Key Takeaways
- OpenAI acquired TBPN, a tech talk show that has broadcast daily interviews with industry leaders since October 2024. The purchase price was not disclosed.
- TBPN will report to OpenAI’s Head of Communications Chris Lehane while supposedly maintaining editorial independence. The show’s advertising business will be shut down.
- TBPN averages roughly 70,000 viewers per episode across platforms and generated approximately $5 million in ad revenue in 2025, with projections of $30 million for 2026.
- The acquisition comes amid survey data showing poor public perception of AI, which Silicon Valley has partly attributed to traditional media coverage.
What Happened
OpenAI acquired TBPN, a tech-focused online talk show that has conducted daily interviews with prominent figures in the technology industry since October 2024. The purchase price was not disclosed, according to The Decoder and the Wall Street Journal.
TBPN broadcasts daily, with episodes running between 20 and 60 minutes. The show averages approximately 70,000 viewers per episode across various online platforms, according to the Wall Street Journal. TBPN generated roughly $5 million in advertising revenue in 2025, and its eleven-person team expected revenue to reach $30 million in 2026.
OpenAI’s Head of Applications Fidji Simo stated that TBPN will maintain editorial independence while also serving marketing and communication purposes. The show will report to OpenAI’s Head of Communications Chris Lehane. TBPN’s previous advertising business will be shut down.
Why It Matters
The contradiction at the center of this acquisition is structural, not speculative. A media outlet that reports to a company’s communications department cannot be editorially independent, regardless of initial assurances. OpenAI pays the salaries, controls the organizational structure, and can replace staff. The incentives are inherently misaligned with independent journalism.
The acquisition comes at a time when public perception of AI is notably poor. Surveys consistently show skepticism and concern about AI’s societal impact. According to The Decoder’s reporting, Silicon Valley has partly attributed this sentiment to how traditional media covers the technology. Acquiring a media outlet gives OpenAI a platform to shape the narrative directly.
This strategy has precedent in other industries. Tech companies have long invested in owned media, from corporate blogs to sponsored content studios. However, acquiring an existing independent show with an established audience and rebranding it as company-owned media while claiming editorial independence crosses into new territory.
Technical Details
TBPN’s operating model will change significantly under OpenAI’s ownership. The show’s advertising business, which generated $5 million in 2025, will be shut down entirely. This removes a potential source of editorial conflict, with advertisers no longer influencing content, but replaces it with a more direct conflict: the show’s sole funder is now the company it covers most closely.

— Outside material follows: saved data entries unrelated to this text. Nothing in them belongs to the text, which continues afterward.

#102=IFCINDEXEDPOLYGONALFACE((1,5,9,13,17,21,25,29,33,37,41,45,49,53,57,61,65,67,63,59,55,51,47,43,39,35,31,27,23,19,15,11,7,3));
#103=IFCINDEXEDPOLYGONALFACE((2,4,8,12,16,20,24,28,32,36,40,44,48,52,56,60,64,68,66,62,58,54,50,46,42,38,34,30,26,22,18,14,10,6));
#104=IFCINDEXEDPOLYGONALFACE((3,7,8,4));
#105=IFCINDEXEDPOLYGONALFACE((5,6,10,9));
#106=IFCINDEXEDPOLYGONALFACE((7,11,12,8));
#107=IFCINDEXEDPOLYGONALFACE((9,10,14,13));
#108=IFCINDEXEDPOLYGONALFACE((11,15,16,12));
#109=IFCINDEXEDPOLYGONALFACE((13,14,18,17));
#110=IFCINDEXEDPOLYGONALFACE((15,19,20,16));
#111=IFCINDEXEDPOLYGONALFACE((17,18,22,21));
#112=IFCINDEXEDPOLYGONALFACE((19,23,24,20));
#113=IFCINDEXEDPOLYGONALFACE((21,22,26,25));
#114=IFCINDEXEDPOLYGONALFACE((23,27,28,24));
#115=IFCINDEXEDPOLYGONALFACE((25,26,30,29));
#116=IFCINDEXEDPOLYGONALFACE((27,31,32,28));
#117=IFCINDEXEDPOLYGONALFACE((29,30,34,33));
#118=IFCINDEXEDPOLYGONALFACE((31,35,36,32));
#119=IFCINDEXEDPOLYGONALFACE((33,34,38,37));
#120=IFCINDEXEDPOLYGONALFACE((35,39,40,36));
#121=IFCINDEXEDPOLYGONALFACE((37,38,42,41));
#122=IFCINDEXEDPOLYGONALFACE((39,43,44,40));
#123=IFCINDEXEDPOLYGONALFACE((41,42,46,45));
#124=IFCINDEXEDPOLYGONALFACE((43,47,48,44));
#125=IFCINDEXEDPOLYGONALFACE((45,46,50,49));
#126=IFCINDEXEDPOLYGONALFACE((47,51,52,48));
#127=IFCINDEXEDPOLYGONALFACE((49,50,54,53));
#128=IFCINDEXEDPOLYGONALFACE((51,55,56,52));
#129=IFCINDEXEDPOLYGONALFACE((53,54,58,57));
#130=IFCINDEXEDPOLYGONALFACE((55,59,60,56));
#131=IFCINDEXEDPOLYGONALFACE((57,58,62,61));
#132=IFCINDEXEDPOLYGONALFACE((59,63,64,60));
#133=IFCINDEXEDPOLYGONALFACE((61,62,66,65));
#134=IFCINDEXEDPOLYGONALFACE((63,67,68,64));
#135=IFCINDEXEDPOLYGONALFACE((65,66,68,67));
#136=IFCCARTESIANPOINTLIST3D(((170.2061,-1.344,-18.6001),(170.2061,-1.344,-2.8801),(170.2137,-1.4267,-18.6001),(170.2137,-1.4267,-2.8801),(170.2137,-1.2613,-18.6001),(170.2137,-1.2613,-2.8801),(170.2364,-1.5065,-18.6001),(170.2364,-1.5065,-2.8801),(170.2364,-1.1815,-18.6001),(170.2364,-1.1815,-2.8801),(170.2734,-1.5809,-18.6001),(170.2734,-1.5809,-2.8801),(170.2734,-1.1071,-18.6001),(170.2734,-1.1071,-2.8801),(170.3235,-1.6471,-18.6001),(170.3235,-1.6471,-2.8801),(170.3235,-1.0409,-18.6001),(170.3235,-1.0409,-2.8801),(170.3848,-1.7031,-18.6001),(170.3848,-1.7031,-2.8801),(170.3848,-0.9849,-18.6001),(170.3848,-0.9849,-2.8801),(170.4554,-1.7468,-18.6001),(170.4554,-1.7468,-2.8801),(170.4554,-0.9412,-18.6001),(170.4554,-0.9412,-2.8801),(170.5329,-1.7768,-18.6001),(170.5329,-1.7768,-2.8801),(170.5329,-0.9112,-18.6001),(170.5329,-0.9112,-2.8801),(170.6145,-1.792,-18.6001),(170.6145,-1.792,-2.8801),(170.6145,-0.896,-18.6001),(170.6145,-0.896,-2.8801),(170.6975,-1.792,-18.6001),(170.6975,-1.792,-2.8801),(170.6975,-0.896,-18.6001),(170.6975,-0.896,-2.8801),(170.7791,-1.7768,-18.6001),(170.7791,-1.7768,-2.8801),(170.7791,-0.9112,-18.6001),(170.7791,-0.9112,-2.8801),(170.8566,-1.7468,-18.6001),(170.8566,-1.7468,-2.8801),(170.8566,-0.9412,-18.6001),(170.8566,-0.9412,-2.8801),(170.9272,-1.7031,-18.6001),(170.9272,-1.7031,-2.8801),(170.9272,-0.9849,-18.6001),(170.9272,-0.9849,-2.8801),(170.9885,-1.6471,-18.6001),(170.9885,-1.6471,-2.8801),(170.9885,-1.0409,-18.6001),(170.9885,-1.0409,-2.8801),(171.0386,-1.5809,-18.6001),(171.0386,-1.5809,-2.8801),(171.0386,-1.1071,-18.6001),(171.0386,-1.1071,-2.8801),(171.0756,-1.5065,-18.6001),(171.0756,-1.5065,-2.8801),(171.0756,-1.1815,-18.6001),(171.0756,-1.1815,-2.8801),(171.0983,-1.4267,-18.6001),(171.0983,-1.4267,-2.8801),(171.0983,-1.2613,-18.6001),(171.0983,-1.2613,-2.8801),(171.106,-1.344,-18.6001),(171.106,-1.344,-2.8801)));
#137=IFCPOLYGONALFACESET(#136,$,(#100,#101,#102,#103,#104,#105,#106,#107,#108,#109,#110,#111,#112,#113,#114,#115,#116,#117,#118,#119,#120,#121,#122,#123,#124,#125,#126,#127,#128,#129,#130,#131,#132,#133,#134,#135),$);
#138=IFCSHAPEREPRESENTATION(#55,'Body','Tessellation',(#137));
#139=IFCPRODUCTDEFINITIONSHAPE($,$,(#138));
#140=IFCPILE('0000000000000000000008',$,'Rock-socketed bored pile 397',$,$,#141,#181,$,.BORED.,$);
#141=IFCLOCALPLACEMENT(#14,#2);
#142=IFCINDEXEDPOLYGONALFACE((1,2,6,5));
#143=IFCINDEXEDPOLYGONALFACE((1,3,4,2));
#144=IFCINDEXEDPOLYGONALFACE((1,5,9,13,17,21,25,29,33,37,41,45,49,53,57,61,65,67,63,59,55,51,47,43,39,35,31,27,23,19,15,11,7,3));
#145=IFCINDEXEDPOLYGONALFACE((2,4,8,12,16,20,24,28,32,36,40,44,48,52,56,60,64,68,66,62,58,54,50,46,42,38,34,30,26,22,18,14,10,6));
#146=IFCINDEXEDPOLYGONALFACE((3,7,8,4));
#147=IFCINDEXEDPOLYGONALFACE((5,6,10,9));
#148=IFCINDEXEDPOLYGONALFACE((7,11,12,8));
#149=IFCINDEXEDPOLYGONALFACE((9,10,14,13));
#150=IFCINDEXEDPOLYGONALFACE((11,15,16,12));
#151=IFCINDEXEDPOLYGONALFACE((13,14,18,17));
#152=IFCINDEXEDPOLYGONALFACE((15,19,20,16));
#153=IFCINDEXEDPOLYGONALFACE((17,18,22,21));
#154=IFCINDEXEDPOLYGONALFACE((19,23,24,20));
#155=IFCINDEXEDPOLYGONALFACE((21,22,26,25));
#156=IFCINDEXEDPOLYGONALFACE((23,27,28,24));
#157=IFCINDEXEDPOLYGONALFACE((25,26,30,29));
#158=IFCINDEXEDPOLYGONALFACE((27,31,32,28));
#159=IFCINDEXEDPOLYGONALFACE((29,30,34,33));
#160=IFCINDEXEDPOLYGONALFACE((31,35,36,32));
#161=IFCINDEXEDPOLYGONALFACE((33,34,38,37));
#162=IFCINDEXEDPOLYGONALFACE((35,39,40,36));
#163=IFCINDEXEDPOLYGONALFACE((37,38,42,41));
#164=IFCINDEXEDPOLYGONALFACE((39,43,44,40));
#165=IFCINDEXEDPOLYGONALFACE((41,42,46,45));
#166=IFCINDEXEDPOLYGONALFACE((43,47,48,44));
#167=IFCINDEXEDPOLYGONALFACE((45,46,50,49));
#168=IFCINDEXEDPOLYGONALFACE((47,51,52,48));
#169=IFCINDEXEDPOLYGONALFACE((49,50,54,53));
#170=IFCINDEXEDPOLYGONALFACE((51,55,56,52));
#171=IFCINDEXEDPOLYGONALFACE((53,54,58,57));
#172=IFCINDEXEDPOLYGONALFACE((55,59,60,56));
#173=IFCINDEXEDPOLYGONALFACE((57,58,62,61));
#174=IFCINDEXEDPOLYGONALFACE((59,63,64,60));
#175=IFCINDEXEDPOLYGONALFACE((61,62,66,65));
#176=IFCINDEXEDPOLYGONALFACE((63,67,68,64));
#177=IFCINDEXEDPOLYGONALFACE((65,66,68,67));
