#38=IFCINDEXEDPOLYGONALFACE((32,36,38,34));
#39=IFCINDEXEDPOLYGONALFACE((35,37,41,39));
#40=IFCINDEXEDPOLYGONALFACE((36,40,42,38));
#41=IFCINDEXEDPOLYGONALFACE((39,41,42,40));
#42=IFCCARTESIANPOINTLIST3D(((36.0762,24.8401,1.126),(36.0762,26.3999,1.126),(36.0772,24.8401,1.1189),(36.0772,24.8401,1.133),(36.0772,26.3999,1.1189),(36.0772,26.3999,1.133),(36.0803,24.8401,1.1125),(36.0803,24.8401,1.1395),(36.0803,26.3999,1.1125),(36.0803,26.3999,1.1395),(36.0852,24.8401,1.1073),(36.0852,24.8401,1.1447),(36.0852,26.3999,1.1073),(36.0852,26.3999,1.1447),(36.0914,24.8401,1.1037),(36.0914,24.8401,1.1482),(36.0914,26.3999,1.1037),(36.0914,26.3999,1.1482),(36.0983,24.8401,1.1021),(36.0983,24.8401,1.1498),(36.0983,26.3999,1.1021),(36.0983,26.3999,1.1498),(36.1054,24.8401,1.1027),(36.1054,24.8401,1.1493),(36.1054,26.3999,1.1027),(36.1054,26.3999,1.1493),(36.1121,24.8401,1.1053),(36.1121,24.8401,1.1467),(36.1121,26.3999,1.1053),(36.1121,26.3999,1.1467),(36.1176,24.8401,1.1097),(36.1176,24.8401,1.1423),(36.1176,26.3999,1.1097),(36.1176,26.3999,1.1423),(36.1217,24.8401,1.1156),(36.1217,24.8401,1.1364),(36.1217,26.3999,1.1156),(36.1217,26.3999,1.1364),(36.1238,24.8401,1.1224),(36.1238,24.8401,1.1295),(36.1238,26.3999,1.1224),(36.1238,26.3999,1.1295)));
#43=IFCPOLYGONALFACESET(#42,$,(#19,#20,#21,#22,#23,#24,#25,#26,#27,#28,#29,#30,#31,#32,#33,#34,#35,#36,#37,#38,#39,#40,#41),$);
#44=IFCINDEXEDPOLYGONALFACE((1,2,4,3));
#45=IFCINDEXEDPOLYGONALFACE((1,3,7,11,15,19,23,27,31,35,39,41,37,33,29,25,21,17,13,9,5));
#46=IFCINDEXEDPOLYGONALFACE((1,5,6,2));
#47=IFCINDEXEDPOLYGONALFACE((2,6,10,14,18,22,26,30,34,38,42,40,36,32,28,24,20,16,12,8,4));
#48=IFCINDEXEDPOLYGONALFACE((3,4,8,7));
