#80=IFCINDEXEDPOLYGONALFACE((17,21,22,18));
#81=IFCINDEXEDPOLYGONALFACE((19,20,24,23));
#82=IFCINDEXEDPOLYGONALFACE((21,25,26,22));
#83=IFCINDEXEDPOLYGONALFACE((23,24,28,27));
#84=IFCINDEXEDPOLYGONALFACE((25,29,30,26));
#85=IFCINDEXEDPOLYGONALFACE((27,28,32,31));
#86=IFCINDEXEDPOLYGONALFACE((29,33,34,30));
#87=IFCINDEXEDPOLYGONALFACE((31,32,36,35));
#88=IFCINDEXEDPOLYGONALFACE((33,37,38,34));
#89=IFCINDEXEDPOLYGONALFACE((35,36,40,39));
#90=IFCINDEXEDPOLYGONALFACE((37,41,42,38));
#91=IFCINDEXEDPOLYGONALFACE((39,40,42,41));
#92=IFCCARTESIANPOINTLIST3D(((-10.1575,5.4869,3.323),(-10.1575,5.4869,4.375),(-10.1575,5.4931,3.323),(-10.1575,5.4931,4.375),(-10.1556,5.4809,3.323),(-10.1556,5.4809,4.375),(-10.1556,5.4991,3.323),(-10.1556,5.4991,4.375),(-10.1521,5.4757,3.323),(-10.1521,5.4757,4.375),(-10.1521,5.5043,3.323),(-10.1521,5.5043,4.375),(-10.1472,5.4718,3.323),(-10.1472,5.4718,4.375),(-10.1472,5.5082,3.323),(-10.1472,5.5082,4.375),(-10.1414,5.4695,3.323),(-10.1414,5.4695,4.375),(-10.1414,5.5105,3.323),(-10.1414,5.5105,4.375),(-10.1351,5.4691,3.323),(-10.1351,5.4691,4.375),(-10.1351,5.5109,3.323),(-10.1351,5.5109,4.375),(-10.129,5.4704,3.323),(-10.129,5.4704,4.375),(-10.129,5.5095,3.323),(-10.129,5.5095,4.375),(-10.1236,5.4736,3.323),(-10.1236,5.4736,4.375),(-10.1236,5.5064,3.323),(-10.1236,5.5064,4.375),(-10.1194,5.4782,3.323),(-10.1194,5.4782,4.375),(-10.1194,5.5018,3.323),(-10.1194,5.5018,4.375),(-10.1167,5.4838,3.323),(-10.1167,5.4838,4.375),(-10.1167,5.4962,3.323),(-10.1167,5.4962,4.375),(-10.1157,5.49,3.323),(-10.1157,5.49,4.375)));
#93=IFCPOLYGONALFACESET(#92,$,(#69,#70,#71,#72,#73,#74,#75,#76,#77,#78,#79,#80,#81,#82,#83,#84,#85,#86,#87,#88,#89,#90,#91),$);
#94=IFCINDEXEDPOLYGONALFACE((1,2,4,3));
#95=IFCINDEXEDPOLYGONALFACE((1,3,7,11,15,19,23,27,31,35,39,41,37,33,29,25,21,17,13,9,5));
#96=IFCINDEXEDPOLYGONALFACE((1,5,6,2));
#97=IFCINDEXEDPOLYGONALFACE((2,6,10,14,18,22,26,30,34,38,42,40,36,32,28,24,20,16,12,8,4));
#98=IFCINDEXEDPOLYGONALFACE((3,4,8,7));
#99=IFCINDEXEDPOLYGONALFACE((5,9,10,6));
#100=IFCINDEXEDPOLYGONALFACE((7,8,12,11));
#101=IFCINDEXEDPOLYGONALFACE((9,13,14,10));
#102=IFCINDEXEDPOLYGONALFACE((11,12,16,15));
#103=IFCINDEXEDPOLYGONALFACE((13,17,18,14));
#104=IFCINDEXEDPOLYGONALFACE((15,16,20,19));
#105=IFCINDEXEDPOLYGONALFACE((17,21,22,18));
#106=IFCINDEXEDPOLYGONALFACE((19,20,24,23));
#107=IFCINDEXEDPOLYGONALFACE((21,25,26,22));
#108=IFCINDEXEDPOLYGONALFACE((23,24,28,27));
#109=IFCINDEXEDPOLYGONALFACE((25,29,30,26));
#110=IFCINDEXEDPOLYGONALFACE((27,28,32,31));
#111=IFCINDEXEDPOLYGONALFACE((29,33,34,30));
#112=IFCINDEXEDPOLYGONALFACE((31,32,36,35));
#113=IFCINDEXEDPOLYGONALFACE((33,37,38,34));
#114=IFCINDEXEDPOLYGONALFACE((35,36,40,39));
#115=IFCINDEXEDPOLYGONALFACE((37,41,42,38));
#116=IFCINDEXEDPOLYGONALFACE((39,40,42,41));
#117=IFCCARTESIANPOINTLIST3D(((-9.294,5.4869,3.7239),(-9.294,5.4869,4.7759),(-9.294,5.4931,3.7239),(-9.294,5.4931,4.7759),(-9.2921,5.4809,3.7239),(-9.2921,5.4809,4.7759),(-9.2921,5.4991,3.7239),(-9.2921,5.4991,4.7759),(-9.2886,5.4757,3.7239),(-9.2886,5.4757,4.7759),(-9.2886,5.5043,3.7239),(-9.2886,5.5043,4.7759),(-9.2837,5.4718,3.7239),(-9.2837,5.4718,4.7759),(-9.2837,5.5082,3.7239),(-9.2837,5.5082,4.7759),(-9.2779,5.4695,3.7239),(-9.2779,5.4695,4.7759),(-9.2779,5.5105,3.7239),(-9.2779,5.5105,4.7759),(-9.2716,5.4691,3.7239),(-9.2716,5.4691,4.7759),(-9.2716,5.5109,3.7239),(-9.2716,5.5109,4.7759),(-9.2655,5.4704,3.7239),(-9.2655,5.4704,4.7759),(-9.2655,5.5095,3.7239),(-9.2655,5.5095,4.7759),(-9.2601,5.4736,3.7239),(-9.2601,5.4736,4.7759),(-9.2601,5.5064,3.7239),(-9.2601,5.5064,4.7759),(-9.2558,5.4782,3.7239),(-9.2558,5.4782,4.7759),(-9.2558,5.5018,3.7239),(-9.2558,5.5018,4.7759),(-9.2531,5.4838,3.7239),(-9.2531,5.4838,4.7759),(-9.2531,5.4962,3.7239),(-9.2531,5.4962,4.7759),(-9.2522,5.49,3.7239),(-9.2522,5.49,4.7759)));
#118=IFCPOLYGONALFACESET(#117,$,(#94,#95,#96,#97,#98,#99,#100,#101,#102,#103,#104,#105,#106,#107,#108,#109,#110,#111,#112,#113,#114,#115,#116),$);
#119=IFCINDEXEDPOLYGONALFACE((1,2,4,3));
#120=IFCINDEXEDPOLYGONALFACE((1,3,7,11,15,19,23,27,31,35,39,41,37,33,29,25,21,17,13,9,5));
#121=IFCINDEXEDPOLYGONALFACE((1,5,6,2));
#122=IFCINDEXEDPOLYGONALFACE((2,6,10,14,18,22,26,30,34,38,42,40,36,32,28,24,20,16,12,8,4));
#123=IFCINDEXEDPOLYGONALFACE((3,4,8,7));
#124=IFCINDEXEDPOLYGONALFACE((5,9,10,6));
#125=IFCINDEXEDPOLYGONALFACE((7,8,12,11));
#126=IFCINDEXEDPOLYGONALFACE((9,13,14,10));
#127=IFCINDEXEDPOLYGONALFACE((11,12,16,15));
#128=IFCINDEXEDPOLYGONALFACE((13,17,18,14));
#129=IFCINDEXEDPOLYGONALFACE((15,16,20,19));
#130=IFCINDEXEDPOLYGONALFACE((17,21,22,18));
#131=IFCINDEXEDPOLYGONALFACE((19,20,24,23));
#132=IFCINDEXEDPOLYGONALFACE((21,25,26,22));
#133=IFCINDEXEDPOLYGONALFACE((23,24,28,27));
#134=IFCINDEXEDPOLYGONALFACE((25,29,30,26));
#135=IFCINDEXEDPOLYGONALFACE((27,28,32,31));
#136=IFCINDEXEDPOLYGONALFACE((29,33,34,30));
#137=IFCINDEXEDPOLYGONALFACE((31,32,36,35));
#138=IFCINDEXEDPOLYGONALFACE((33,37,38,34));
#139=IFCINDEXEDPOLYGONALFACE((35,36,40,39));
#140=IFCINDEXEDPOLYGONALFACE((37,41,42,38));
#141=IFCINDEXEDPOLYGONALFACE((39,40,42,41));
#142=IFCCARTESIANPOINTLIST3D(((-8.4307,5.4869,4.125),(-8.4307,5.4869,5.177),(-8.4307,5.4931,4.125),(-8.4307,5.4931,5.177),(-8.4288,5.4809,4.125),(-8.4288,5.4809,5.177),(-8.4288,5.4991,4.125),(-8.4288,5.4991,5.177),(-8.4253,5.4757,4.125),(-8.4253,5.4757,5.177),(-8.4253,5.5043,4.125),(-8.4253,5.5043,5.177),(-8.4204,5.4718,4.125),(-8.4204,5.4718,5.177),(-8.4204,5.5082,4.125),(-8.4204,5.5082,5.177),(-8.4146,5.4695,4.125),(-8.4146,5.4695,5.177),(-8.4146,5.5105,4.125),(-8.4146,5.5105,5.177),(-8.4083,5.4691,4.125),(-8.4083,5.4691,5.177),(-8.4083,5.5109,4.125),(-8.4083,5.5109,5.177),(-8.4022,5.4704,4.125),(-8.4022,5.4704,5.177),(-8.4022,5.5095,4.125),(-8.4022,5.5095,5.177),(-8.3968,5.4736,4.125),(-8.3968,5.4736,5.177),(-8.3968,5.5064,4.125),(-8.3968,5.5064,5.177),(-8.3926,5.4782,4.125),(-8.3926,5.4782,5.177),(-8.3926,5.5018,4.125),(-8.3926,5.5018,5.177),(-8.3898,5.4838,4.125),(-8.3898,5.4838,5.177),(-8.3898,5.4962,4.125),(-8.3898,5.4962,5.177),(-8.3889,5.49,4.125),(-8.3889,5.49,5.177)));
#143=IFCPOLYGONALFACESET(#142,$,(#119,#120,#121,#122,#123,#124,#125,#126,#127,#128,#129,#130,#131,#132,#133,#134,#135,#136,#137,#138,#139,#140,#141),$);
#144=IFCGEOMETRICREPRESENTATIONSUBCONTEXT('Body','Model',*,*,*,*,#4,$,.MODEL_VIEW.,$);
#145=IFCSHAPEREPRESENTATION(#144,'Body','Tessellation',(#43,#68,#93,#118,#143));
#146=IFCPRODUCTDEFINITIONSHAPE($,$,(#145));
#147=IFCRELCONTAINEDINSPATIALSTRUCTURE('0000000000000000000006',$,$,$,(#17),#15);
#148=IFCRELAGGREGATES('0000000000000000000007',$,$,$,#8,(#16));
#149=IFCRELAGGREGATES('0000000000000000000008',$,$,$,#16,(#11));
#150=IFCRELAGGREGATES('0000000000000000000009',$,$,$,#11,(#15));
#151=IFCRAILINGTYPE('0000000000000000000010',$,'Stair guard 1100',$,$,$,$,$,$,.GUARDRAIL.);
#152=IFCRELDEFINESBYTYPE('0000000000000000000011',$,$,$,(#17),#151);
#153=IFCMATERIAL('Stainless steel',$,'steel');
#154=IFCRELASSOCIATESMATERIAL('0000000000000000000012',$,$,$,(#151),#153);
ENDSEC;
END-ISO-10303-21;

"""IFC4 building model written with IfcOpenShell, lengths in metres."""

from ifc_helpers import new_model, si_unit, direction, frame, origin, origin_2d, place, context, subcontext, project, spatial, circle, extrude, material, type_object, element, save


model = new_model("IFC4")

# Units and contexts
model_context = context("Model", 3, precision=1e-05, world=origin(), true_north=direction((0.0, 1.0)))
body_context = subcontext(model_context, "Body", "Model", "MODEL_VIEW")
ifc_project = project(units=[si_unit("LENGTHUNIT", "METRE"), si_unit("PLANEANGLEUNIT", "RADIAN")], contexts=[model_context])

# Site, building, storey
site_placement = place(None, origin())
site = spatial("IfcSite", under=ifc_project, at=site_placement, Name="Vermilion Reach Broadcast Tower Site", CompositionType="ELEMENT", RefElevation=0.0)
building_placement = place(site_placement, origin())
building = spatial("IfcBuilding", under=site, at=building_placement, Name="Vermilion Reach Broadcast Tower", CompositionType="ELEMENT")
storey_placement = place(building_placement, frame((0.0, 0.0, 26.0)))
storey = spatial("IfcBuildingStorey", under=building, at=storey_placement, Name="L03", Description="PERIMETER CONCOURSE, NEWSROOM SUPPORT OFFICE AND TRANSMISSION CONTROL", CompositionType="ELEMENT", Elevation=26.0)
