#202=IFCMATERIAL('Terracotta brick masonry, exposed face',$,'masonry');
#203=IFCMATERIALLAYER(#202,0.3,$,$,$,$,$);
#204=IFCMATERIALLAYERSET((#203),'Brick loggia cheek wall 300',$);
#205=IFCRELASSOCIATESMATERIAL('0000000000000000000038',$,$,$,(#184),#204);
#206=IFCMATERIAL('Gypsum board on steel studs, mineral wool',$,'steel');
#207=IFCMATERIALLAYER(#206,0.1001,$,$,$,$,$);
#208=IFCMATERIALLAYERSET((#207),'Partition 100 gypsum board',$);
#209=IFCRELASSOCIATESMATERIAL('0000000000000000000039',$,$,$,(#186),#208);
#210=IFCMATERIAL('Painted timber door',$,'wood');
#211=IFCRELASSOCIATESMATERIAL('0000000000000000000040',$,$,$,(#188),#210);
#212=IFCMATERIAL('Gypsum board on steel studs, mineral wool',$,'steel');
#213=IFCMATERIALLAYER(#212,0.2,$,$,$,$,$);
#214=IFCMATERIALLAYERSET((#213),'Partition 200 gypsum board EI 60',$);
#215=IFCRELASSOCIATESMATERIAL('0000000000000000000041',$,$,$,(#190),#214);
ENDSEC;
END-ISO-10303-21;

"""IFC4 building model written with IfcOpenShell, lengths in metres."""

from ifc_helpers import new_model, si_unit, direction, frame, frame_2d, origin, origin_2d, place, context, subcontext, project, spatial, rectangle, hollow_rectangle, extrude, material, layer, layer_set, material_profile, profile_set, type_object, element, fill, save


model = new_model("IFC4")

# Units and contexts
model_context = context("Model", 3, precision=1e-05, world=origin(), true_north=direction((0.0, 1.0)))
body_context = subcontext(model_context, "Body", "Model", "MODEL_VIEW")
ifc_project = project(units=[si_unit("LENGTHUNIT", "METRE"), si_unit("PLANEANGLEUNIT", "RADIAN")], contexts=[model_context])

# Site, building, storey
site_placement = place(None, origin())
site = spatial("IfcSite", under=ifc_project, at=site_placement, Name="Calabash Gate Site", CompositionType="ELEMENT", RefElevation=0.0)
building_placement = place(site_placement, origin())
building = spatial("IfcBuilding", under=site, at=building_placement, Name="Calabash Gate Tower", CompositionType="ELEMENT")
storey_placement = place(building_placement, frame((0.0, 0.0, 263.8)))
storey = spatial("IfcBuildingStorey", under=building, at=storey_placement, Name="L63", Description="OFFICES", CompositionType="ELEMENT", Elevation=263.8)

The eleven-person TBPN team will continue producing daily episodes. The show will retain control over “programming, guests, and content,” according to Simo. However, the reporting line to Chris Lehane, OpenAI’s communications chief, means content decisions ultimately flow through the same department responsible for managing OpenAI’s public image.
TBPN’s projected revenue of $30 million for 2026, now eliminated as the ad business shuts down, represents the cost OpenAI absorbs for owning the platform. For a company valued at over $300 billion, this is a rounding error compared to the value of controlling a daily tech media channel.
Who’s Affected
TBPN’s existing audience of roughly 70,000 viewers per episode now consumes content produced by an OpenAI-owned entity. Viewers who tuned in for independent tech coverage must evaluate whether the show’s perspective shifts under its new ownership. The loss of advertising revenue as a business model means TBPN has no financial incentive beyond serving OpenAI’s interests.
Independent tech journalists and media outlets face a more complicated landscape. OpenAI’s move into owned media increases competitive pressure on outlets that cover AI critically. If TBPN’s 70,000-viewer platform amplifies OpenAI-favorable narratives, independent outlets must work harder to reach the same audience with alternative perspectives.
Other AI companies may follow OpenAI’s playbook. If owning a media platform proves effective at shaping public perception, Anthropic, Google, Meta, and other AI companies could pursue similar acquisitions, further blurring the line between corporate communications and journalism.
What’s Next
TBPN’s first episodes under OpenAI ownership will be closely watched for signs of editorial bias. Guest selection, topic framing, and the treatment of OpenAI competitors will serve as early indicators of whether the “editorial independence” promise holds in practice.
The broader question is whether owned media becomes a standard strategy in the AI industry’s approach to public relations. OpenAI’s $5 million annual cost for TBPN, the forgone ad revenue, is modest compared to traditional advertising budgets. If the format proves effective, expect other AI companies to launch or acquire their own media properties in 2026.